The cast is competent and gives the material more than they likely thought it deserved.  Lovelock is outstanding as George, with his hippie good looks and cheeky-bastard attitude, he's a lot of fun.  Galbo, who left acting in the 1980s to become a professional dancer, does damsel-in-distress with aplomb, and Arthur Kennedy (an accomplished American actor who appeared in over one hundred films beginning with the 1940 Jimmy Cagney potboiler City For Conquest and continued up until his death in 1990) gleefully munches the scenery as a violent lunkheaded police sergeant who smacks suspects whenever he pleases.  His disdain for George and his "faggot clothes" keeps him conveniently focused on the red herrings while zombies terrorize the countryside and newborn babies maim hospital staff (the infant in question is so small, new, and adorable you'd have a hard time believing it was capable of such savagery, and I found myself wondering who allowed their clearly newborn infant to participate in this project - whoever they are, I salute them).

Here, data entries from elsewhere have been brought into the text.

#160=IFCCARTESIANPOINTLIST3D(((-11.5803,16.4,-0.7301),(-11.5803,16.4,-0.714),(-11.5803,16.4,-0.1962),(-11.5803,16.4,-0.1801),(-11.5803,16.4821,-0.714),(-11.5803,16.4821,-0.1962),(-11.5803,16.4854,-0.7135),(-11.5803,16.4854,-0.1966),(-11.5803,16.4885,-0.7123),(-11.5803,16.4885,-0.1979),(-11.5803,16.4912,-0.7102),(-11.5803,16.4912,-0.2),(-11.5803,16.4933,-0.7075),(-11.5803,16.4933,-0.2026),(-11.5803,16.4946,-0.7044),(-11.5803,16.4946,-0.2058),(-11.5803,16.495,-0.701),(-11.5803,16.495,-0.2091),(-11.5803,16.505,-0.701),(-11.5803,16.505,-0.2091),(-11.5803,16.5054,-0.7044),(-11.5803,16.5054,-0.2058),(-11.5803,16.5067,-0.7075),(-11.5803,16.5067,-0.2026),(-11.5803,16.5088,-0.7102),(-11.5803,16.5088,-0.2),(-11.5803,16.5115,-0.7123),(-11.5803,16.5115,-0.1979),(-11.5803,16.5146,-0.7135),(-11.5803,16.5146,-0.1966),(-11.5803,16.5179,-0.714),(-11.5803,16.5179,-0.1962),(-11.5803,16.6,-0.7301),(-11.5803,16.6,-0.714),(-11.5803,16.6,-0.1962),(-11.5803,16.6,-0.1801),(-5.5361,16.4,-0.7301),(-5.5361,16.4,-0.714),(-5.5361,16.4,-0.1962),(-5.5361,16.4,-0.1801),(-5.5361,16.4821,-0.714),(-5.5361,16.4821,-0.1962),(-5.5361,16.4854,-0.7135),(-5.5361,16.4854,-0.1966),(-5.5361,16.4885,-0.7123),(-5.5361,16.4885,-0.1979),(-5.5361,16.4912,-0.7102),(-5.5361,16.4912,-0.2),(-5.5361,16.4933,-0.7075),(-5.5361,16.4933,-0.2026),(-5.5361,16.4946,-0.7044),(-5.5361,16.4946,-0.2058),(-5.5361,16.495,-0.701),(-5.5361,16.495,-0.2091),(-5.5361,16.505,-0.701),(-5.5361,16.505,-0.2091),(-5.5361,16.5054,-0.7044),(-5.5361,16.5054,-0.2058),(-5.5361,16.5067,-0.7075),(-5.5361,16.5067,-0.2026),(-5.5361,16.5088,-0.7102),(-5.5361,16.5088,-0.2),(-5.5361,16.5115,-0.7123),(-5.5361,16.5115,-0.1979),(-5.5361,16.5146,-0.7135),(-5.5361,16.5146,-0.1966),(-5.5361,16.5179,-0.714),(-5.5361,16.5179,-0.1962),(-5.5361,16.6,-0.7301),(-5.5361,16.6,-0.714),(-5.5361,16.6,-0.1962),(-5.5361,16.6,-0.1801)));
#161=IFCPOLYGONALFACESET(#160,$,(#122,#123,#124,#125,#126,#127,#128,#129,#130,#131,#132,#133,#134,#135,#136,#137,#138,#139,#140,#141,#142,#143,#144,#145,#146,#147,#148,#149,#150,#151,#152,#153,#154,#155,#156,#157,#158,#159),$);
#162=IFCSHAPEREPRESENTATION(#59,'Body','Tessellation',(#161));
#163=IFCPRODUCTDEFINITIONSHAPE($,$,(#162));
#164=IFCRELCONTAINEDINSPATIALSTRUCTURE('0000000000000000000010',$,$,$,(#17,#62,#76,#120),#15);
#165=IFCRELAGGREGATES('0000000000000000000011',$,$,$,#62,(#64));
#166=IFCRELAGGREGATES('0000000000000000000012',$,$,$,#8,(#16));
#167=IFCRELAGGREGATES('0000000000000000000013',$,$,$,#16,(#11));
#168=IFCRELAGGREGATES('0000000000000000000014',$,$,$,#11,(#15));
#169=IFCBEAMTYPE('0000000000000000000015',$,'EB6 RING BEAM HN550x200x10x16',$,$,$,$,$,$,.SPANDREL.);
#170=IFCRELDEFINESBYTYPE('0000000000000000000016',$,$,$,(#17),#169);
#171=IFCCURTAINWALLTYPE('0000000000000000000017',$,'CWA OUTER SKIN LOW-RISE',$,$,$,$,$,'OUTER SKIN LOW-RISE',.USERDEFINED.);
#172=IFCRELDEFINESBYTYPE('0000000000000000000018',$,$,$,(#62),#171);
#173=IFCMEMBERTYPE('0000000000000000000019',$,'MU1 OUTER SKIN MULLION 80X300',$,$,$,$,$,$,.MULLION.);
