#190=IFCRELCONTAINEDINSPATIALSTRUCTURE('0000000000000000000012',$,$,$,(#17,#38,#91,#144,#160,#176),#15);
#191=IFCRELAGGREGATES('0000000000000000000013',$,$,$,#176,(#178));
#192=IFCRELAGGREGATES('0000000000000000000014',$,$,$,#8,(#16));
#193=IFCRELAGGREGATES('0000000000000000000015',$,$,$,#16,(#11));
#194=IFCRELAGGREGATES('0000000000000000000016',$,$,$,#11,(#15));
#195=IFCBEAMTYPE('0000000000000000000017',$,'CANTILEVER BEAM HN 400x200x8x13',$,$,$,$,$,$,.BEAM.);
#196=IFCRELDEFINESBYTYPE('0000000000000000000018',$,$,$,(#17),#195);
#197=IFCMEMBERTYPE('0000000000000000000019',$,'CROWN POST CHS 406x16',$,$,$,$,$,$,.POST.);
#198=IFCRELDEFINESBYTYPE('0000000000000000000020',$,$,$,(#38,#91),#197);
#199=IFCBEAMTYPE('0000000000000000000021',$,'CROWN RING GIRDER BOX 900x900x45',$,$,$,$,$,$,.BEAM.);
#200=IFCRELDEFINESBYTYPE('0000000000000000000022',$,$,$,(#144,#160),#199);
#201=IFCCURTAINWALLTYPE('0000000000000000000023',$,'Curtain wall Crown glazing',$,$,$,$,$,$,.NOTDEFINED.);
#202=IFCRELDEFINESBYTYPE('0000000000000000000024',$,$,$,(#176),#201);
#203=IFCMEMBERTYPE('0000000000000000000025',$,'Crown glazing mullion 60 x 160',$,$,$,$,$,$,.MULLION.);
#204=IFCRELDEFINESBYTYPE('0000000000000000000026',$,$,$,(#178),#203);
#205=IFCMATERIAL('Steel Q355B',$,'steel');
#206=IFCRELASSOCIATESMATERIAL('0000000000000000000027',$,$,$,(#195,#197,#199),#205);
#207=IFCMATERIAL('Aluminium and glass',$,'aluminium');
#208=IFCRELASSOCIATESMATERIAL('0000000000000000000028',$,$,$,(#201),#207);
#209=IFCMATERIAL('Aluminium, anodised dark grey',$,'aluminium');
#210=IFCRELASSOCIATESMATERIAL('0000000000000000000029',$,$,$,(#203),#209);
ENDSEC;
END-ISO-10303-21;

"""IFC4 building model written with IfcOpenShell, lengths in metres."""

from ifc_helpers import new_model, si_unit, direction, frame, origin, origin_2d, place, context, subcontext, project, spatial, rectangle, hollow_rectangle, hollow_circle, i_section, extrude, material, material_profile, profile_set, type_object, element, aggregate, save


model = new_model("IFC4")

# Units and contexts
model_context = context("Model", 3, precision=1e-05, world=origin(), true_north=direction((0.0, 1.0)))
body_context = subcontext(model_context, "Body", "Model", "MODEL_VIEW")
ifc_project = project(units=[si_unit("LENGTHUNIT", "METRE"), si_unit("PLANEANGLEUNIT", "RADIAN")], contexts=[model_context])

It's easy to see why this one still garners attention.  Besides the technical success and quality cast, the story, motivation and behaviour of the zombies, and the truly awesome setting all helped to propel this many-titled diversion from the sea of imitators into exploitation fandom (being banned as a Nasty certainly helped as well).  It takes quite a while for things to turn grisly, but the viewer is never bored, and once the festivities truly get underway, you won't be able to take your eyes from the screen.  (Although, despite the title, the film doesn't actually take place in Manchester, but rather South Gate.)  I heartily recommend watching this one on BluRay because of the restoration.  The film looks great and even the mono soundtrack is clear as a bell.  I didn't have much expectations towards enjoying this one (it looked rather dreary in trailers), but I was pleasantly surprised at what a crowd-pleaser it turned out to be.  Seek it out.

So, if there's a truck in your neighborhood purporting to be the latest and greatest in pest control, send them on their way.  They might be dispensing something more sinister than they could ever know.  I'll be sticking to flypaper and Raid.  Because my name's Justin.  JustinCase.